Ich habe schnell gemerkt, dass ich mit deiner Sehbehinderung ganz gut zurechtkomme. Du hast mir auch das Gefühl gegeben, dass ich recht viel richtig mache. Von daher haben sich da auch keine größeren Bedenken entwickelt.

Musstest du dich in irgendeiner Art umstellen?
Also erstmal finde ich es gut, dass ich bei dir sein kann wie ich bin. Natürlich musste ich mich umstellen, wie dass wenn wir irgendwo langlaufen ich dir sage was dort ist. Umstellen trifft es aber nicht ganz. Ich musste lernen mehr auf einige Dinge zu achten.
Ich nehme dir automatisch, denke ich, mehr Sachen ab und schaue noch einmal mehr ob ein Auto kommt. Allgemein achte ich mittlerweile mehr auf meine Umgebung.

Ich bin generell anders zu dir, aber auch das liegt nicht an deinen Augen.

Wie reagierst du, wenn andere Leute komisch auf meine Behinderung reagieren?
Eigentlich habe ich bisher keine blöden Reaktionen bekommen. Als ich das Bild mit uns an der Ostsee gepostet habe, da hattest du auch deinen Stock draußen, da hat mich ein Freund das erste Mal gefragt ob du blind bist. Da kam nur, dass es cool ist, dass mir das nichts ausmacht und dann aber auch hinterher, dass das gut ist, weil du dann nicht siehst, wie hässlich ich bin.
Ein anderer Kumpel sagte nur: „Das erklärt warum du jetzt auf ihrem Sofa sitzt.“ Dumme Sprüche musste ich mir also anhören, aber wirklich negativ hat eigentlich niemand reagiert.

Wie Fremde darauf reagieren, juckt mich eigentlich nicht. Ich schaue ja auch Menschen an. Also wenn sie gucken, finde ich das nicht schlimm. Als wir letztens im Bus nach Hause waren, saß vor uns ja auch der Polizist mit den vielen Auszeichnungen. Als wir uns über deinen Stock unterhalten haben und was man noch damit machen kann, war er auch mehr interessiert. Sowas fällt mir eher auf.

Ich weiß gar nicht was ich sagen soll.

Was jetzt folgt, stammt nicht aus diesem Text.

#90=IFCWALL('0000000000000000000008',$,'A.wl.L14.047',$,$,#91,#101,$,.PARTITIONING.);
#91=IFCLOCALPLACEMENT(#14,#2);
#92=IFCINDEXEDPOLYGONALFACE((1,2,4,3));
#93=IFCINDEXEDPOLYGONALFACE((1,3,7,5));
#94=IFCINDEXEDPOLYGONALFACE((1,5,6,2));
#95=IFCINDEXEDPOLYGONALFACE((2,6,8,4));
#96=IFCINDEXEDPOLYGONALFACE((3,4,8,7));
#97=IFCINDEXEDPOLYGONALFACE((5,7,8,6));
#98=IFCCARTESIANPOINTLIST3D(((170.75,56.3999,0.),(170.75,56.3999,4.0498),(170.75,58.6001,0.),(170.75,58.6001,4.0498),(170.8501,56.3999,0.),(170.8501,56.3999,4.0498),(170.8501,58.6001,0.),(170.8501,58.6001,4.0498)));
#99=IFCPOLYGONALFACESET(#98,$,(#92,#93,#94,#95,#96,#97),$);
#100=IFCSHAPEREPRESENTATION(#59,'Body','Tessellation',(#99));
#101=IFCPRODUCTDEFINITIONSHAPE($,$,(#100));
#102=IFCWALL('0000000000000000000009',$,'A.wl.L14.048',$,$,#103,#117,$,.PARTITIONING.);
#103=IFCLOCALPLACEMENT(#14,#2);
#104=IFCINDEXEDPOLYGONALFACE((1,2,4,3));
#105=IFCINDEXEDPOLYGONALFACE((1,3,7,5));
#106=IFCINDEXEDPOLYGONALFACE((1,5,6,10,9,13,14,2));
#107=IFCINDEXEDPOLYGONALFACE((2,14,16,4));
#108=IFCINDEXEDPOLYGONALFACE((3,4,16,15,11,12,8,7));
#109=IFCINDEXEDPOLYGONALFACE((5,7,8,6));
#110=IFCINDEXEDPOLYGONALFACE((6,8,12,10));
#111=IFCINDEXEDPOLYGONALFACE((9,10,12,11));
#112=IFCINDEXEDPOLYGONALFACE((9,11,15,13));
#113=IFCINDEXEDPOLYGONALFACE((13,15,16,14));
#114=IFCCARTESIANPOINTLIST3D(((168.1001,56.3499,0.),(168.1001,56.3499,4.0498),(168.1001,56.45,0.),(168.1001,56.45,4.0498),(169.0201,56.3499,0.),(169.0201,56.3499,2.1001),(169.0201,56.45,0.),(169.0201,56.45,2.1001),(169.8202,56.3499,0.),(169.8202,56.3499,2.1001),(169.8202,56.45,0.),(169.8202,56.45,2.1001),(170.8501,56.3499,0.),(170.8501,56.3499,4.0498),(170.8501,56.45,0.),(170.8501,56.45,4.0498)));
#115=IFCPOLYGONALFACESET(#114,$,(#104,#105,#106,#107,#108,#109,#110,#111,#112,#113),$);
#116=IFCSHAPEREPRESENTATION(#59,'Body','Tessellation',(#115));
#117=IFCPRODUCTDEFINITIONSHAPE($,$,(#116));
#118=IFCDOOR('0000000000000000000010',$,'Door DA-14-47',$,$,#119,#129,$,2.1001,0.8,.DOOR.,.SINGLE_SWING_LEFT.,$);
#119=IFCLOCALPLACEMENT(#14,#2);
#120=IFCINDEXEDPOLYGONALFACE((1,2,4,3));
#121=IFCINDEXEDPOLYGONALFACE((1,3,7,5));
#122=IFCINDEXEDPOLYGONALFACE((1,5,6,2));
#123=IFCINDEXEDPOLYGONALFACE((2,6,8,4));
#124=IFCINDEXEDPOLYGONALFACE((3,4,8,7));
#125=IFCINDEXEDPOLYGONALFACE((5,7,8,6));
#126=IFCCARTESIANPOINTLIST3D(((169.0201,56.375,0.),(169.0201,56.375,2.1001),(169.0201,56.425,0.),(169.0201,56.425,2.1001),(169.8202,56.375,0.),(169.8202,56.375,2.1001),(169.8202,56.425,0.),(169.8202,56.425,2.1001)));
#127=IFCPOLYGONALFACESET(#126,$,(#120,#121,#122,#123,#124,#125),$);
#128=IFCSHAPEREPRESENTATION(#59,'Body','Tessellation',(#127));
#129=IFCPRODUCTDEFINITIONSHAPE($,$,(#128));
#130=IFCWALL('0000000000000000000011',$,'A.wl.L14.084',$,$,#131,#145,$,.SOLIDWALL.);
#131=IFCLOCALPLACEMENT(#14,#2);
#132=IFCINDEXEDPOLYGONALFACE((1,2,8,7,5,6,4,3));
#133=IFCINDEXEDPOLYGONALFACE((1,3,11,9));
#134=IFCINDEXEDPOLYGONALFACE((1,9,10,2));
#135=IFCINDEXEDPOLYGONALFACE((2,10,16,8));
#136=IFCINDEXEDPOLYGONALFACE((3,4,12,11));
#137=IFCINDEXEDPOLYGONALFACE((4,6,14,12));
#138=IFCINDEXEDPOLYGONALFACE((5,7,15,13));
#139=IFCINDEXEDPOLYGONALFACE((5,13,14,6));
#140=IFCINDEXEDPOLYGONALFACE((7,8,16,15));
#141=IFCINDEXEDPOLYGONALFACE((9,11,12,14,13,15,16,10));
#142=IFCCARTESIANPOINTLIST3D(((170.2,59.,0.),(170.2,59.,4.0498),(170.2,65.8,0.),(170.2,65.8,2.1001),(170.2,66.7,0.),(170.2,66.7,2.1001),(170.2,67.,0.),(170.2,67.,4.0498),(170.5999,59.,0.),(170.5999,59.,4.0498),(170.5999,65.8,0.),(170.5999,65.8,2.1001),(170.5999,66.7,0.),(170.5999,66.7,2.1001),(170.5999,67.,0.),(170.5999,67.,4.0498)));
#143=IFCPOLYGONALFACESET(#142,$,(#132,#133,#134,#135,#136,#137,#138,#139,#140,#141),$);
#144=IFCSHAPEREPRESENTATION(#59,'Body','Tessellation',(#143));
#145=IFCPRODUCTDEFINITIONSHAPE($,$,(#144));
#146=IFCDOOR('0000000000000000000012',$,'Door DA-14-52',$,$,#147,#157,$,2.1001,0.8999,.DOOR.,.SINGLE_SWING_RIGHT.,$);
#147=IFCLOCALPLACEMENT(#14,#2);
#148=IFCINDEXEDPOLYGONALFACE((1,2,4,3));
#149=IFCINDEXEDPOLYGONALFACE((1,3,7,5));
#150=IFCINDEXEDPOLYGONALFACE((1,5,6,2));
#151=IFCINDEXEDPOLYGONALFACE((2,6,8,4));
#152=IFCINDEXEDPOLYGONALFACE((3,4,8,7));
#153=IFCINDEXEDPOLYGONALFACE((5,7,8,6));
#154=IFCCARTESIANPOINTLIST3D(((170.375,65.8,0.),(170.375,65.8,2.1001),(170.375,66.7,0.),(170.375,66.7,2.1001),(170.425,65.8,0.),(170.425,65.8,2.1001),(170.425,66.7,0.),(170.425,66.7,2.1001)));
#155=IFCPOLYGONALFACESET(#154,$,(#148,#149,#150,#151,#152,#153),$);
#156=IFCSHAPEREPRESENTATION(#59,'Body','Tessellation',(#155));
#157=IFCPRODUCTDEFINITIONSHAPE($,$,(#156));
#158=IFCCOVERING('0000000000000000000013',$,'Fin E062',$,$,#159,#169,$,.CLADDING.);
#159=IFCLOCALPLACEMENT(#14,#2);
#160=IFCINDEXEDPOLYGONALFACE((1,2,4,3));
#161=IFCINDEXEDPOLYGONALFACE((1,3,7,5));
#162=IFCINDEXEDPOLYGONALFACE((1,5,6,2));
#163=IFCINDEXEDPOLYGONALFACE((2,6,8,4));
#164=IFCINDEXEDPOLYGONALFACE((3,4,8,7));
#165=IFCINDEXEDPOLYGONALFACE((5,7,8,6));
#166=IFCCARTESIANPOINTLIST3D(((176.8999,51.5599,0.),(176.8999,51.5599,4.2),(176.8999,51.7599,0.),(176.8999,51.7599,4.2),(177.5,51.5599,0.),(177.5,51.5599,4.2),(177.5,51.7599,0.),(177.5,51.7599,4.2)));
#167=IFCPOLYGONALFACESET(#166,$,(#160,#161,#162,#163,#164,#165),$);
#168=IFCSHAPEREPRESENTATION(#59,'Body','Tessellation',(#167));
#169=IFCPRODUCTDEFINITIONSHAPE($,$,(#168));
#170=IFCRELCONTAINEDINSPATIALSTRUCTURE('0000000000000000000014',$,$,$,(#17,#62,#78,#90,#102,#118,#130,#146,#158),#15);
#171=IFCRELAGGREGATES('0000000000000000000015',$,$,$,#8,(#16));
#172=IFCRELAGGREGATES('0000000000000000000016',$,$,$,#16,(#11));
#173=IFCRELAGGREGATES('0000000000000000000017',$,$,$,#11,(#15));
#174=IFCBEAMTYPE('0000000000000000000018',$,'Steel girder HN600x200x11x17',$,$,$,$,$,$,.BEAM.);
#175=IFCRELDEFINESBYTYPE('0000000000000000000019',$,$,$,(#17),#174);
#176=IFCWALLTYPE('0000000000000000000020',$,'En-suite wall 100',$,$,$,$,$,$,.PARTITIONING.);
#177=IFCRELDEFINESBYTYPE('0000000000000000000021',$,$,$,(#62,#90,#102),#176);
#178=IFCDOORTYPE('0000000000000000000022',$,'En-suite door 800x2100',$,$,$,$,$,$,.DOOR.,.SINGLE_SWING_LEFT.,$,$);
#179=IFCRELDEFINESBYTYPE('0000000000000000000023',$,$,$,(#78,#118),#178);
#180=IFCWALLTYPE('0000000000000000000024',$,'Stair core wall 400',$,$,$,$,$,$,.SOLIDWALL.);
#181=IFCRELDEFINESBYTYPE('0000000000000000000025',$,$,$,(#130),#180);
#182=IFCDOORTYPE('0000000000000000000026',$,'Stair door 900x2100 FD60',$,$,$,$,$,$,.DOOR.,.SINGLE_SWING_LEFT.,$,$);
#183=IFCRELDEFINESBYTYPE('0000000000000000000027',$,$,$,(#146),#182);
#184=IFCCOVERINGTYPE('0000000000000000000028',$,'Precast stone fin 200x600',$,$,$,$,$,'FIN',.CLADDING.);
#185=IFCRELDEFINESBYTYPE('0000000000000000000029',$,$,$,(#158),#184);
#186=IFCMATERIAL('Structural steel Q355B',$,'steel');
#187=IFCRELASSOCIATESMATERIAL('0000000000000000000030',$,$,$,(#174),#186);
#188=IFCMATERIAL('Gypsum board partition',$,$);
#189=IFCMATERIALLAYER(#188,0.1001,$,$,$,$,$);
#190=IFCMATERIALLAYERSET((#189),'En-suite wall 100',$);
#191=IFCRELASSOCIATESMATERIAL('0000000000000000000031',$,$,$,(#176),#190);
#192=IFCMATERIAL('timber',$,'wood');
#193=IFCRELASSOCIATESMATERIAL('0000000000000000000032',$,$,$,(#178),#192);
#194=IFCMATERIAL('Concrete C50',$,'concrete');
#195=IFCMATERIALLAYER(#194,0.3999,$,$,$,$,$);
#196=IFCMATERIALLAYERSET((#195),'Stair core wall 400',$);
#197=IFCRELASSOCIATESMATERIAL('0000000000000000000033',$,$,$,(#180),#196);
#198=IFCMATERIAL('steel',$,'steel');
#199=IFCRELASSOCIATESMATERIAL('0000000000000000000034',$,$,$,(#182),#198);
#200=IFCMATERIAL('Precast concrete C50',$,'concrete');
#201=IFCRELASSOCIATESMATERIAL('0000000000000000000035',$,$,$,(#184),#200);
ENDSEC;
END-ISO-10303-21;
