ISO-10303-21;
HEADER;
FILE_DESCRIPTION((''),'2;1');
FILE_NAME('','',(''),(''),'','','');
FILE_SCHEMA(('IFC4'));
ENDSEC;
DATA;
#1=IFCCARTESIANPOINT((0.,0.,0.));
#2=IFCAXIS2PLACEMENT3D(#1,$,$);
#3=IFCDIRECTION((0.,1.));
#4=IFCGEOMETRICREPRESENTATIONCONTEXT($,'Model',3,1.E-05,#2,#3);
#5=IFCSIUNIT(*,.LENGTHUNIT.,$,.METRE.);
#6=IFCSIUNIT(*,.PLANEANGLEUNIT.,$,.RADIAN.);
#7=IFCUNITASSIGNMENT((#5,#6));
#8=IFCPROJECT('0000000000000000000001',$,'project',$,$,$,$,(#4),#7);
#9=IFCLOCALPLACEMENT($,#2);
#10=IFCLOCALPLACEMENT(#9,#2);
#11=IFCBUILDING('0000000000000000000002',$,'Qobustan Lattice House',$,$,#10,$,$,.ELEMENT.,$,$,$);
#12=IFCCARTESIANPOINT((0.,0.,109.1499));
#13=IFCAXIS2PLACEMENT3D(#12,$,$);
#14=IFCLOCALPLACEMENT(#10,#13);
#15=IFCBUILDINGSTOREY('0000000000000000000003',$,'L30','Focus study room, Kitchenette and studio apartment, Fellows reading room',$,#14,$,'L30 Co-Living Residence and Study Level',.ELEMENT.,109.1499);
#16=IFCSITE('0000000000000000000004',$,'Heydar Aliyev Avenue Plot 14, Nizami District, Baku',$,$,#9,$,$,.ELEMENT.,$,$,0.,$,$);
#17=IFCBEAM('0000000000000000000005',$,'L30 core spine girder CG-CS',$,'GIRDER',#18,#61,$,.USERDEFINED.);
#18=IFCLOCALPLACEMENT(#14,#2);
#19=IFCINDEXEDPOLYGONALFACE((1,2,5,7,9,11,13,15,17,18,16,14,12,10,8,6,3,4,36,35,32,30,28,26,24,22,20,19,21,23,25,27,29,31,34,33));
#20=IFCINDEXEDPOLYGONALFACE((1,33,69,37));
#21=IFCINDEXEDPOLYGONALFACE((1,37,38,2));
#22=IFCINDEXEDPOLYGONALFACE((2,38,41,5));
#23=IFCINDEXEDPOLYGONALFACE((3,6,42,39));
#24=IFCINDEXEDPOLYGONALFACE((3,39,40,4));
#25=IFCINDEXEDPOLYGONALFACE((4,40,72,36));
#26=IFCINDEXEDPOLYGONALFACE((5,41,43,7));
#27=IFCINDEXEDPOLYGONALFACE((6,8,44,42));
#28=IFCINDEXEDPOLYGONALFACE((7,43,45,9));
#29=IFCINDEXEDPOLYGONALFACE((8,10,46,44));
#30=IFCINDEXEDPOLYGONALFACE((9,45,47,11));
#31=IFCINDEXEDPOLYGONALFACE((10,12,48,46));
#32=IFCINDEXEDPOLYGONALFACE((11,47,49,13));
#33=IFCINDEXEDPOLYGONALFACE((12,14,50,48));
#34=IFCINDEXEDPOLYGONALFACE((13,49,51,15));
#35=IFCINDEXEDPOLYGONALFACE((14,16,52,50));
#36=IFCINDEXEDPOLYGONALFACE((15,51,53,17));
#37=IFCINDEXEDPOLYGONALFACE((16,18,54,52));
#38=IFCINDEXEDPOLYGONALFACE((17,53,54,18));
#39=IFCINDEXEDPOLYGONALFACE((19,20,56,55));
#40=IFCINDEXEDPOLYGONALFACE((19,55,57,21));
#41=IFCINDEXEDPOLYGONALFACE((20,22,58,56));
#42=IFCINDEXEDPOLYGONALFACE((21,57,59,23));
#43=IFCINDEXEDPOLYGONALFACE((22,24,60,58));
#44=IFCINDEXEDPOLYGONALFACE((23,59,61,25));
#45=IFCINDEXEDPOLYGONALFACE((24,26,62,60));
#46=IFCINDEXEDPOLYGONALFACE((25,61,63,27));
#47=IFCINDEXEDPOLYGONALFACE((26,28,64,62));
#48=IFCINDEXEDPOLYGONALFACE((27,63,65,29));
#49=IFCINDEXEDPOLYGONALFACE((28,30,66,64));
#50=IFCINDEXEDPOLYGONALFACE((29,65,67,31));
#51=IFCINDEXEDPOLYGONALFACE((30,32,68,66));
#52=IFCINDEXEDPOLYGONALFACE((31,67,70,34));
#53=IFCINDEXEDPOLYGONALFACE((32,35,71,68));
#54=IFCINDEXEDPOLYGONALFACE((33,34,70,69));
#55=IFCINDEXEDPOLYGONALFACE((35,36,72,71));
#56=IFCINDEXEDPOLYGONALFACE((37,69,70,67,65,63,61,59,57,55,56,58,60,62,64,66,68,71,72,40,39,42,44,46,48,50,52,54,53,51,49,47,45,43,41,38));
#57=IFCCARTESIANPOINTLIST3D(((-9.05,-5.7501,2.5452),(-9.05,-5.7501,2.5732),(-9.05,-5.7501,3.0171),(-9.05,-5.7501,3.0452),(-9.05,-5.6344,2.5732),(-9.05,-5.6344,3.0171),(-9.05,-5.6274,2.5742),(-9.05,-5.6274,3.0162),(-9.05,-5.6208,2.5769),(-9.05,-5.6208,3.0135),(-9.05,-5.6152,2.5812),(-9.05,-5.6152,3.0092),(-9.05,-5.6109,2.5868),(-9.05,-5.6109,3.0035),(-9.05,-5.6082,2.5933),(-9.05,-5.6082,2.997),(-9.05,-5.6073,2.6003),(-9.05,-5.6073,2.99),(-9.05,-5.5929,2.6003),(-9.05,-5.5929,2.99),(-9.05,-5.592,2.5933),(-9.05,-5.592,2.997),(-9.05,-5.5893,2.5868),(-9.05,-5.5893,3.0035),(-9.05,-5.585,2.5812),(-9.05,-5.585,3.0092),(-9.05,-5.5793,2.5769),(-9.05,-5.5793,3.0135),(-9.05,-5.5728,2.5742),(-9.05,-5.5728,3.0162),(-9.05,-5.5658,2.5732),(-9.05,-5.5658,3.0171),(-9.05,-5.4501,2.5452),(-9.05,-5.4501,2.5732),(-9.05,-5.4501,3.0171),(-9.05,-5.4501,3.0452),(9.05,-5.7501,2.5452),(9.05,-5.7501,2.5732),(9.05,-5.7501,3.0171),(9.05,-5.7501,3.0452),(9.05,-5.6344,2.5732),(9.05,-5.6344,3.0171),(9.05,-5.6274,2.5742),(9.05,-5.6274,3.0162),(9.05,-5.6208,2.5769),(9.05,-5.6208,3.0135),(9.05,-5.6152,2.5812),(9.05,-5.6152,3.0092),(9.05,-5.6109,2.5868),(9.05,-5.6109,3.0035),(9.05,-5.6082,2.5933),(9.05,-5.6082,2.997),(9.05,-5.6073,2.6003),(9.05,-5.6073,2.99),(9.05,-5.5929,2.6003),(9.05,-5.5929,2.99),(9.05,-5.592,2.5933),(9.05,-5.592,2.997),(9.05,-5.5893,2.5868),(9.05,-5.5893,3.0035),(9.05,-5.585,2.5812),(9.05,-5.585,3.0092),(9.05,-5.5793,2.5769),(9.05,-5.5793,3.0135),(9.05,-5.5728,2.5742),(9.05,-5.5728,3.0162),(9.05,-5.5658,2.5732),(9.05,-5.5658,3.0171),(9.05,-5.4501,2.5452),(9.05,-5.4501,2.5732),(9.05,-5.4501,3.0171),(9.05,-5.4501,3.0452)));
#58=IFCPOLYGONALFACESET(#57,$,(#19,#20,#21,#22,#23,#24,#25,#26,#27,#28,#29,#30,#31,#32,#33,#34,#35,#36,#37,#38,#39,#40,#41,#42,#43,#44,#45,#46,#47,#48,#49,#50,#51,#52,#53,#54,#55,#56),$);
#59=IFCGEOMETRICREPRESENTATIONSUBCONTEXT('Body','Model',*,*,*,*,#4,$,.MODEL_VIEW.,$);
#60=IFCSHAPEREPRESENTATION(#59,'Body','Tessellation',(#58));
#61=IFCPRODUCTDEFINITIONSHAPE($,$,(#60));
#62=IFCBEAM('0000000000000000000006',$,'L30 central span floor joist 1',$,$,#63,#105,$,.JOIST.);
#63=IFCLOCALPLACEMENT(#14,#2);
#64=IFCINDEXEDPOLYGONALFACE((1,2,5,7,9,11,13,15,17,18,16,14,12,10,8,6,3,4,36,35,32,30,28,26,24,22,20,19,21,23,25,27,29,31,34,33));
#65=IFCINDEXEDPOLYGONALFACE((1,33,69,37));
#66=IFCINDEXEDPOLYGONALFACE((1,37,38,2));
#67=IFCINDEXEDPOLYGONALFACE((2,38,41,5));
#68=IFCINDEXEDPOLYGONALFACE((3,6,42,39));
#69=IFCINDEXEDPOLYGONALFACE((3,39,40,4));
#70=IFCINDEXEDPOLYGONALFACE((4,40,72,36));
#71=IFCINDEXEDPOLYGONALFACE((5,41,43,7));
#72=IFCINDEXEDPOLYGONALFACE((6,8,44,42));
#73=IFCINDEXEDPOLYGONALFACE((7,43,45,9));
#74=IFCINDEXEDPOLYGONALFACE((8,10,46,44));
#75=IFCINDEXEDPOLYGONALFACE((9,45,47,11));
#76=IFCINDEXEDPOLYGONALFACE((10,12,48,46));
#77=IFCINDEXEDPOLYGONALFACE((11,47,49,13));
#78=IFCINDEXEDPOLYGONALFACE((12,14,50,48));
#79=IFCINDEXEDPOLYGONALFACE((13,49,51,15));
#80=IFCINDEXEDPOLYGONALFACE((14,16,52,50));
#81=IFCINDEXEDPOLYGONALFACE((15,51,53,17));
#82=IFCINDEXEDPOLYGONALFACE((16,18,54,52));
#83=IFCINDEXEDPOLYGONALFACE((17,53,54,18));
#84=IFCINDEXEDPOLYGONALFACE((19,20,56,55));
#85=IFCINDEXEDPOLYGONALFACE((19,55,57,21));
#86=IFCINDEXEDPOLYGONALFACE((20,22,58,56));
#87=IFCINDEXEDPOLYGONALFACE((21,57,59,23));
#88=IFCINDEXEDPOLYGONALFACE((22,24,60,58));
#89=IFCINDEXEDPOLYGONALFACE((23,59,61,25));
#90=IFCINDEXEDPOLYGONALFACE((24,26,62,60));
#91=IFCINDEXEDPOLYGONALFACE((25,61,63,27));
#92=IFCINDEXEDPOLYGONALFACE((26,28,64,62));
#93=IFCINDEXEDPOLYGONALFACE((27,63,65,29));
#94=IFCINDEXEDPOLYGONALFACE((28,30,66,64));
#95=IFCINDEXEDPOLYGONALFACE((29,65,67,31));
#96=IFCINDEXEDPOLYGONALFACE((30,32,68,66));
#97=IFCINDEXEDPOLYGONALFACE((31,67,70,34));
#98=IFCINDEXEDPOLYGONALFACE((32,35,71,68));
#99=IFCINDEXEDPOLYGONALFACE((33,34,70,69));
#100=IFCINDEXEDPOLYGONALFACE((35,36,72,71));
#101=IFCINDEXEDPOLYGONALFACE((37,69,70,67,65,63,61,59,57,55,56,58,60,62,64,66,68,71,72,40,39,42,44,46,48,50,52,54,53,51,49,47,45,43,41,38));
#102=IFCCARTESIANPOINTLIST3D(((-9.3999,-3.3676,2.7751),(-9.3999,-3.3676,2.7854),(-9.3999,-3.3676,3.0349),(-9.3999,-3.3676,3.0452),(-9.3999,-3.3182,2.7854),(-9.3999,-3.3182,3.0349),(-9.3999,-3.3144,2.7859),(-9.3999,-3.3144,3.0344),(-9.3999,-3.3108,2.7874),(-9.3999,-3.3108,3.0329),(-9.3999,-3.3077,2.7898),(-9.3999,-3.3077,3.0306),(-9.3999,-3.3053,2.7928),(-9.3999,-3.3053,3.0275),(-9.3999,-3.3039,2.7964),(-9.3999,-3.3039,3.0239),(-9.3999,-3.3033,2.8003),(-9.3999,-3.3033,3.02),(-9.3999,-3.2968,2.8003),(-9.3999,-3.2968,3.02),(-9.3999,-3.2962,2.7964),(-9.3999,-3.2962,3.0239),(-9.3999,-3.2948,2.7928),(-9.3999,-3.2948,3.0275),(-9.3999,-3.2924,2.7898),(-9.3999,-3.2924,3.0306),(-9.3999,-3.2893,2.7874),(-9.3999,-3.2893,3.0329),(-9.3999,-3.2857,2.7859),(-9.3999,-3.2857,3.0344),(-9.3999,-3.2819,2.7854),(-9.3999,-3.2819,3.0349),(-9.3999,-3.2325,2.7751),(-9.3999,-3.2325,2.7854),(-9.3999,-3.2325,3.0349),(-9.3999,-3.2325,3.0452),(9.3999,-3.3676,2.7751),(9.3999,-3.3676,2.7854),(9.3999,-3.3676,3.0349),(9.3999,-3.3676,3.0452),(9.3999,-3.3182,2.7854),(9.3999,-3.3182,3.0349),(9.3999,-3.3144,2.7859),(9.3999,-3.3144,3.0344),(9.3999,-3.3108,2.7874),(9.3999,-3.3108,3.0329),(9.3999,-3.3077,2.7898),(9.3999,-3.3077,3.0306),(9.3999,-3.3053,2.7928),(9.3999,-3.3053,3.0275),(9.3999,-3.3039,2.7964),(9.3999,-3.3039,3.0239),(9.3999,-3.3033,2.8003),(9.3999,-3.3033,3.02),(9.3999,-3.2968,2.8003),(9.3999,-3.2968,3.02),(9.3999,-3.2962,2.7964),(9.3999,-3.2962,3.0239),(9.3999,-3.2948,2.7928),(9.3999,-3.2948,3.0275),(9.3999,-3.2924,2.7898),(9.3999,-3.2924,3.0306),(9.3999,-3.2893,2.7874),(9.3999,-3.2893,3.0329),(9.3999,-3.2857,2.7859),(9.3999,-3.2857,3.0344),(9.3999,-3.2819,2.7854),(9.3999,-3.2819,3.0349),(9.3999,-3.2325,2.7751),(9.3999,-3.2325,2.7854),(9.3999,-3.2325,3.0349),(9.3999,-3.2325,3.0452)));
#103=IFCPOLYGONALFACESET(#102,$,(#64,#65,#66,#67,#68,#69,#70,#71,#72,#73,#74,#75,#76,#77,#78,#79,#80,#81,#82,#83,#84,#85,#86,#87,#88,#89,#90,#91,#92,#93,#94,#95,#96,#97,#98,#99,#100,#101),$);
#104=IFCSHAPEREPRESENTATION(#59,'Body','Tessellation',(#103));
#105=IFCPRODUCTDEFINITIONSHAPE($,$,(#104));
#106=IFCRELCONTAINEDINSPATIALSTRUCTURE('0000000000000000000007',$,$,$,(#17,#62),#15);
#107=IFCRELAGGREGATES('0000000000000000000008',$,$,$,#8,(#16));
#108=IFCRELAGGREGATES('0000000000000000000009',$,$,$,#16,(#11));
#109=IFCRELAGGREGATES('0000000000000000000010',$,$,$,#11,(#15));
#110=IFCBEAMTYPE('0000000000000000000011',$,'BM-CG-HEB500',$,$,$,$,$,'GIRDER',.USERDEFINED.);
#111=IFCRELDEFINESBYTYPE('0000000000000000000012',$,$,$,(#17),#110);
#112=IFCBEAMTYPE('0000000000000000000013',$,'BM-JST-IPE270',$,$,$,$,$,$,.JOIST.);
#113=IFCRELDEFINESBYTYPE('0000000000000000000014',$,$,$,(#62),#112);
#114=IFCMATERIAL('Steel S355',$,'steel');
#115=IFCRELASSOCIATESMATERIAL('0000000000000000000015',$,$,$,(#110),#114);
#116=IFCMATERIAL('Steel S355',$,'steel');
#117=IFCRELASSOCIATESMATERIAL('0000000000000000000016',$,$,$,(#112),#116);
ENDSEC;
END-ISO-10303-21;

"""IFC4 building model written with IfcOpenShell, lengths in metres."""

from ifc_helpers import new_model, si_unit, direction, frame, origin, origin_2d, place, context, subcontext, project, spatial, i_section, extrude, material, material_profile, profile_set, type_object, element, save


model = new_model("IFC4")

# Units and contexts
model_context = context("Model", 3, precision=1e-05, world=origin(), true_north=direction((0.0, 1.0)))
body_context = subcontext(model_context, "Body", "Model", "MODEL_VIEW")
ifc_project = project(units=[si_unit("LENGTHUNIT", "METRE"), si_unit("PLANEANGLEUNIT", "RADIAN")], contexts=[model_context])

# Site, building, storey
site_placement = place(None, origin())
site = spatial("IfcSite", under=ifc_project, at=site_placement, Name="Heydar Aliyev Avenue Plot 14, Nizami District, Baku", CompositionType="ELEMENT", RefElevation=0.0)
building_placement = place(site_placement, origin())
building = spatial("IfcBuilding", under=site, at=building_placement, Name="Qobustan Lattice House", CompositionType="ELEMENT")
storey_placement = place(building_placement, frame((0.0, 0.0, 109.1499)))
storey = spatial("IfcBuildingStorey", under=building, at=storey_placement, Name="L30", Description="Focus study room, Kitchenette and studio apartment, Fellows reading room", LongName="L30 Co-Living Residence and Study Level", CompositionType="ELEMENT", Elevation=109.1499)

Deine Blindheit spielt eigentlich kaum eine Rolle. Ja, manche Sachen laufen anders, aber in jeder Beziehung muss man sich an Sachen anpassen.

Jedem der mich nach einem Tipp zum Umgang mit Menschen mit Sehbehinderung fragen würde, würde ich nur raten etwas aufmerksamer bzw. achtsamer zu sein. Man sollte Rücksicht nehmen, das sollte man aber sowieso. Wenn man etwas nicht versteht, dann sollte man fragen und am wichtigsten: verpieselt euch vom Leitstreifen.